To predict the neural retina’s response to stimulation, we populated the retinal domain of the FEM with multi-compartment cable models of retinal ganglion cells. For each electrode in our FEM, we uniformly distributed 250 somas within a 700 µm radius beneath the electrode using Lloyd’s algorithm54. We calculated axon trajectories using the equations defined by Jansonius et al.55 (Fig. 8a). We positioned each soma 55 µm below the retinal surface mesh and positioned each axon 15 µm beneath the retinal surface mesh (Fig. 8b). Figure 8c shows the coordinates of an example target RGC population for one electrode.

Figure 8
figure 8

Neuron placement paradigm (a) The x–y coordinates of a target retinal ganglion cell population beneath electrode A3 for participant UM01. Somas were distributed in a 700-µm circular region beneath the electrode, and axon x–y coordinates were calculated using equations defined by Jansonius et al.55 (b) The z-coordinates for a single axon, calculated to keep the RGC within the retinal domain of the finite element mesh. (c) The 3-D coordinates of the entire target RGC population (250 neurons) for electrode A3.

The cable equations for RGC membrane dynamics are described in detail in our prior publication, and our biophysical model is open-source on GitHub45. Briefly, we determined the extracellular potential at the center of each neuron compartment from the FEM solution. We scaled these extracellular potentials by the stimulus waveform, and applied them to the neurons, integrating over time to calculate the membrane voltage response. To match clinical experiments, electric stimuli were biphasic, cathode-first current pulses with 0.45 ms pulse width. We found the action potential threshold for each individual neuron using a bisection algorithm with a convergence of 0.1 µA.

We found the absolute minimum action potential threshold for any neuron in each electrode’s target RGC population. We used the same electrode inclusion criteria as described for the statistical model. By using a uniform distribution of neurons, our patient-specific field-cable models did not capture the influence of retinal thickness on perceptual threshold. To remedy this, we removed neurons in regions where the retina had degenerated to a thickness less than 100 µm56. We re-computed the absolute minimum action potential threshold in each electrode’s target RGC population. We compared the model-predicted thresholds to each participant’s perceptual threshold using linear regression.

Phosphene predictions

We compared the patient-specific field-cable model predictions of retinal activation to a prior study analyzing the effect of increasing stimulation amplitude on phosphene size8. Nanduri et al. collected phosphene drawings in response to single-electrode stimulation from nine epiretinal disc electrodes8. In concordance with our study, electric stimuli were biphasic, charge-balanced, 0.45 ms/phase, cathode-first pulse trains that were 500 ms in duration8. Stimulus amplitude was modulated between 1.2 × and 6 × threshold, while holding frequency constant at 20 Hz8. The study found that increasing pulse amplitude caused an increase in phosphene size at an average rate of 1.17 deg2/X threshold (range of slopes: 0.73–1.92)8.
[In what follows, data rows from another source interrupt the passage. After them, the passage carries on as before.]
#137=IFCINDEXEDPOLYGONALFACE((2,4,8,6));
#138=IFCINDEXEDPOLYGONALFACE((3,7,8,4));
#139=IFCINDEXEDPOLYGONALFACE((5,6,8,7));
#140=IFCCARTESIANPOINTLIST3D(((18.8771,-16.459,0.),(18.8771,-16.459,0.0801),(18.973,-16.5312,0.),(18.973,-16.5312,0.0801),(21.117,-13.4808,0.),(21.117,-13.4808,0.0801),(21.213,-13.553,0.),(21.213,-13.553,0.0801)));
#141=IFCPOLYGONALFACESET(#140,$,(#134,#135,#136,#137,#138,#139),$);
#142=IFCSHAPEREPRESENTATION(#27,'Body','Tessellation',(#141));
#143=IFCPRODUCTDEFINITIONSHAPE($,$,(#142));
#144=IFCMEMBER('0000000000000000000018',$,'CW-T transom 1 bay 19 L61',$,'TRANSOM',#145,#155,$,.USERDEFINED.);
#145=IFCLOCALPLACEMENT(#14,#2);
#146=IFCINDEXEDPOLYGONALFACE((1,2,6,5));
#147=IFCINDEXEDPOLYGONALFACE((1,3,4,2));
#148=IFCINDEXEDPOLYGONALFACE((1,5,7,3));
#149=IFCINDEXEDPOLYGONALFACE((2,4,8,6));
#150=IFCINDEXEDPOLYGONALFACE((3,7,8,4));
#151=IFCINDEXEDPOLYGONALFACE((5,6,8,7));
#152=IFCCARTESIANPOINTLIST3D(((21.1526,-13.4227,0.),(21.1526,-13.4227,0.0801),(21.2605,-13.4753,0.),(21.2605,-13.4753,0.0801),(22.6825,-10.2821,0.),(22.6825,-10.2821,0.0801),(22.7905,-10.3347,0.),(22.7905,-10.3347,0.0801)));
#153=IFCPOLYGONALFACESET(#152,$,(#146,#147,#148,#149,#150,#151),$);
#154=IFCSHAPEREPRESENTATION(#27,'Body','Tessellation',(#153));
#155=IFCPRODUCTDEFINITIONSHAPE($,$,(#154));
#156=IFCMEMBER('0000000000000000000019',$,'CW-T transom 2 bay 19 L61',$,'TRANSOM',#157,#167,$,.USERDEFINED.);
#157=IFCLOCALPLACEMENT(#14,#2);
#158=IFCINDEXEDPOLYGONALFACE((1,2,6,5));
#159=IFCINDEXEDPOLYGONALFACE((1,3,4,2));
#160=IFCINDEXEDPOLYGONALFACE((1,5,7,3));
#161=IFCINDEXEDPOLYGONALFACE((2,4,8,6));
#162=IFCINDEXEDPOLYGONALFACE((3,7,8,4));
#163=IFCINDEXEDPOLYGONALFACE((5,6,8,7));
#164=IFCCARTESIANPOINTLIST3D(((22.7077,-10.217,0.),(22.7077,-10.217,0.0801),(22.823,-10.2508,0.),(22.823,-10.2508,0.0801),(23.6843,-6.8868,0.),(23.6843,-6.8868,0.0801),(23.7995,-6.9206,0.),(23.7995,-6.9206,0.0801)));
To replicate this study in our patient-specific field-cable models, we chose a single electrode from each model. We calculated the retinal area activated as stimulus amplitude was modulated between 1.2 × and 6 × threshold. We calculated retinal area (mm2) using the “shapely.MultiPoint” tool in Python to fit a convex hull around activated cell bodies (Supplementary Figure S1). Retinal area was converted to degrees of visual angle using a conversion factor of 288 µm per degree57.